Tariffs for retail and enterprise users in India and abroad “to be affordable”

Reliance Jio president Mathew Oommen.Premium
Reliance Jio president Mathew Oommen.

New Delhi: JioSpaceFiber, launched on Friday as India’s first satellite-based gigabit broadband service, aims to go global following its commercial launch in India, said Reliance Jio president Mathew Oommen. Tariffs for retail and enterprise consumers in India as well as its global clientele will be attractive and affordable, he added.

“We think the opportunity for India to go global is big and Reliance will continue to review options to see how best to represent India globally and offer value to customers, leveraging the technology, capabilities we have already operationalized in India. We will be extremely competitive in any market, in any service we get into," the top executive said in an interview.

JioSpaceFiber is being piloted across four locations from its gateway at Kadapa, Andhra Pradesh, and the company plans to launch it commercially next year.
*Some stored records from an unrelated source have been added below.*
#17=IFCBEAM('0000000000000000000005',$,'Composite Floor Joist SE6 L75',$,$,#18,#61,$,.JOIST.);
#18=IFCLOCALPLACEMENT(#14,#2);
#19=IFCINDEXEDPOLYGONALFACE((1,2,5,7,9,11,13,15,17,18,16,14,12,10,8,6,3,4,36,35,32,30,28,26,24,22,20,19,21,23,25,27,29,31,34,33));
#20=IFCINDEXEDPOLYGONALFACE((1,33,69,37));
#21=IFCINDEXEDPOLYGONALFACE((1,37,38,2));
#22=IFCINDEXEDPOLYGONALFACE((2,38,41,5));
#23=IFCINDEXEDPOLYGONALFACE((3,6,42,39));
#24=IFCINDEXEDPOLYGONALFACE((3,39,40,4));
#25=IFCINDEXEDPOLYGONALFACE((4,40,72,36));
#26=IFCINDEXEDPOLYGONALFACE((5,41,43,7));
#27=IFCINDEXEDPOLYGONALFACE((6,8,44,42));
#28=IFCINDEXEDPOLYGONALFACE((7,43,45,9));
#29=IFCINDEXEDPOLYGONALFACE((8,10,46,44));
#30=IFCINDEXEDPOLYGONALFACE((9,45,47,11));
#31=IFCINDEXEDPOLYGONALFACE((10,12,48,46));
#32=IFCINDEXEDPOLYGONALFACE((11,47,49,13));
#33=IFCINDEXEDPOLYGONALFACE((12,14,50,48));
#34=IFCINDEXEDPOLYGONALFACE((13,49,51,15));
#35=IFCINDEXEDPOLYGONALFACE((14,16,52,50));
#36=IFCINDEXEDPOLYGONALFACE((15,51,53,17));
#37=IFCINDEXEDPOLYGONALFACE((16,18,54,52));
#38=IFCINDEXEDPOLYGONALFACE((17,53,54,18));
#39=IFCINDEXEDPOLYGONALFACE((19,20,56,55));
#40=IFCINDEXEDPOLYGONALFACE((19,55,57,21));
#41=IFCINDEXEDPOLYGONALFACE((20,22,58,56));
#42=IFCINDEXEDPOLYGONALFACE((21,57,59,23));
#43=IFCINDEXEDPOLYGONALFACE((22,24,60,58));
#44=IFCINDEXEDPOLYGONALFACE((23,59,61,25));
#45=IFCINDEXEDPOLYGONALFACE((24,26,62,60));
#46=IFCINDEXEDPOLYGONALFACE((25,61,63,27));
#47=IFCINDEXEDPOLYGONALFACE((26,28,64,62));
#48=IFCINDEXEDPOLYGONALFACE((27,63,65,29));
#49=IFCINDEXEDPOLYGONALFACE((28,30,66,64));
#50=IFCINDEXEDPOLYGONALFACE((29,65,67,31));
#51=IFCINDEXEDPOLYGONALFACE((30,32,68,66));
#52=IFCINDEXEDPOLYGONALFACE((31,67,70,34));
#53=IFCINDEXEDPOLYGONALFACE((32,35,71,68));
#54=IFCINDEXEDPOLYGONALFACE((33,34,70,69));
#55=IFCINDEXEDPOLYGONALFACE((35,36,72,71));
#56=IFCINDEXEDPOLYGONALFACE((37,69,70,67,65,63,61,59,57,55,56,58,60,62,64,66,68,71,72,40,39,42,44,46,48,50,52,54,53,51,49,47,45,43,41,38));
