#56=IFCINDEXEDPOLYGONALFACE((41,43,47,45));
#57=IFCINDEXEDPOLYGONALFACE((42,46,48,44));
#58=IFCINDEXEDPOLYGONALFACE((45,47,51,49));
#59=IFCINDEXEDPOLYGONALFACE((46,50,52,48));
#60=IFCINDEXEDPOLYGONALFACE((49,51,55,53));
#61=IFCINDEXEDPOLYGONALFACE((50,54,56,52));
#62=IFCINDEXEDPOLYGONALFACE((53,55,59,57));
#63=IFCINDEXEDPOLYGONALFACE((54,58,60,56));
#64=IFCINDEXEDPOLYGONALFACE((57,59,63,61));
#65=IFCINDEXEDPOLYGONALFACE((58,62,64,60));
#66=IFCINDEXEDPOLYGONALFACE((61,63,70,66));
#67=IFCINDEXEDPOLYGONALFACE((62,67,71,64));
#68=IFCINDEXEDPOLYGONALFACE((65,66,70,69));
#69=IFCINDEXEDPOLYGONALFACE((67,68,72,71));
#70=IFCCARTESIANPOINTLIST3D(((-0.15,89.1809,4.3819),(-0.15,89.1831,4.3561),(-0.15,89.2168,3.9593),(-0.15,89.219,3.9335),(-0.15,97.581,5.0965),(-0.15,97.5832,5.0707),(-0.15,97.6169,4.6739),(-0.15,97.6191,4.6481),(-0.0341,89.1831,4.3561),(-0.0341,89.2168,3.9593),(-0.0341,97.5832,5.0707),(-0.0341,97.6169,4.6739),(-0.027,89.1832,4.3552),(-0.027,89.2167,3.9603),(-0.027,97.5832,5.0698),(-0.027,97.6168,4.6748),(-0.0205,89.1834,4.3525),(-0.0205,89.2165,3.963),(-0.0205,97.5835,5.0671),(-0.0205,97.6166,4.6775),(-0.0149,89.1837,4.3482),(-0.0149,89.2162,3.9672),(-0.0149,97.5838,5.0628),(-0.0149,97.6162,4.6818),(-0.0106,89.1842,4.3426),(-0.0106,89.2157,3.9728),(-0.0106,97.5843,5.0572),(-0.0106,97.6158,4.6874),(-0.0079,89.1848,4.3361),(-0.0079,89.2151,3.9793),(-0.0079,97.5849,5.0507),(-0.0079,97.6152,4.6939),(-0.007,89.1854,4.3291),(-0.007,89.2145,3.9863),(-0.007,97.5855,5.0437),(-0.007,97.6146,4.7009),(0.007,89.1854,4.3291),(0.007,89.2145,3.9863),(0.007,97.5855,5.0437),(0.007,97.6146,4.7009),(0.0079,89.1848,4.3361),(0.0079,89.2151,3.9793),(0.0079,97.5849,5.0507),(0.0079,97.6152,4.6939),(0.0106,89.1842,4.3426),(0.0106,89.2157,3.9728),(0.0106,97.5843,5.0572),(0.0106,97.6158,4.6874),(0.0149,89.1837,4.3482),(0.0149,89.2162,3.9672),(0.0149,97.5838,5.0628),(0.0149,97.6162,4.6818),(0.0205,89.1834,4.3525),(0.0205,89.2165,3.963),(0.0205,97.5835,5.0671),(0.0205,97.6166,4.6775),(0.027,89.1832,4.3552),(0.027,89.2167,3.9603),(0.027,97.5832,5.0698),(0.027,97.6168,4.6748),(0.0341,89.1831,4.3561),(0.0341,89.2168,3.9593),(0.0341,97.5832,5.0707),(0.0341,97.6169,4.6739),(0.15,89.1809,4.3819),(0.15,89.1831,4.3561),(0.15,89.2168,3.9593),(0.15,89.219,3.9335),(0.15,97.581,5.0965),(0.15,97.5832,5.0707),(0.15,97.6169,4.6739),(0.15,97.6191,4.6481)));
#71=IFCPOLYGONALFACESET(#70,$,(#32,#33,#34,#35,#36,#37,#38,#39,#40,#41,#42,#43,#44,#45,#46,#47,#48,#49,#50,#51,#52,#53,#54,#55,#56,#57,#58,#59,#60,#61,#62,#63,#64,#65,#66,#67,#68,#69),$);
Jio will be the first company to provide 1 gigabit speeds in India and will be able to provide high-speed internet connectivity to mobile phone users in remotest areas using its 5G outdoor small cell, which acts like a 5G base station to distribute satellite connectivity signal to either a 2G, 3G, 4G, 5G, or Wi-Fi device.

The availability of the service will depend on satellite spectrum, which the government allocates. It is, however, awaiting clarity from the Telecom Regulatory Authority of India on whether it should be assigned administratively, or via auctions at a predetermined price.

Oommen said the airwaves for satellite broadband must be auctioned, since the service will compete with terrestrial telecom services. Markets such as the UAE, Thailand, and New Zealand, have set a precedent by adopting the auction route, and India must keep its interest at heart since airwaves were a scarce natural resource that should not be given out without attaching the right value through auctions.

“We believe since it is the same services, same devices, same customers, and same standards, why should it be any different. Anything other than auctions will distort the market significantly."

Oommen said the government should allow the 75,700 crore universal service obligation (USO) fund to be used for telcos’ capex or investments on networks, which is 5% of the telcos’ overall adjusted gross revenue, and is part of the 8% licence fee they pay to the government. The fund is used for ensuring connectivity in places where there is none, primarily in far flung areas with tough terrains and poor access.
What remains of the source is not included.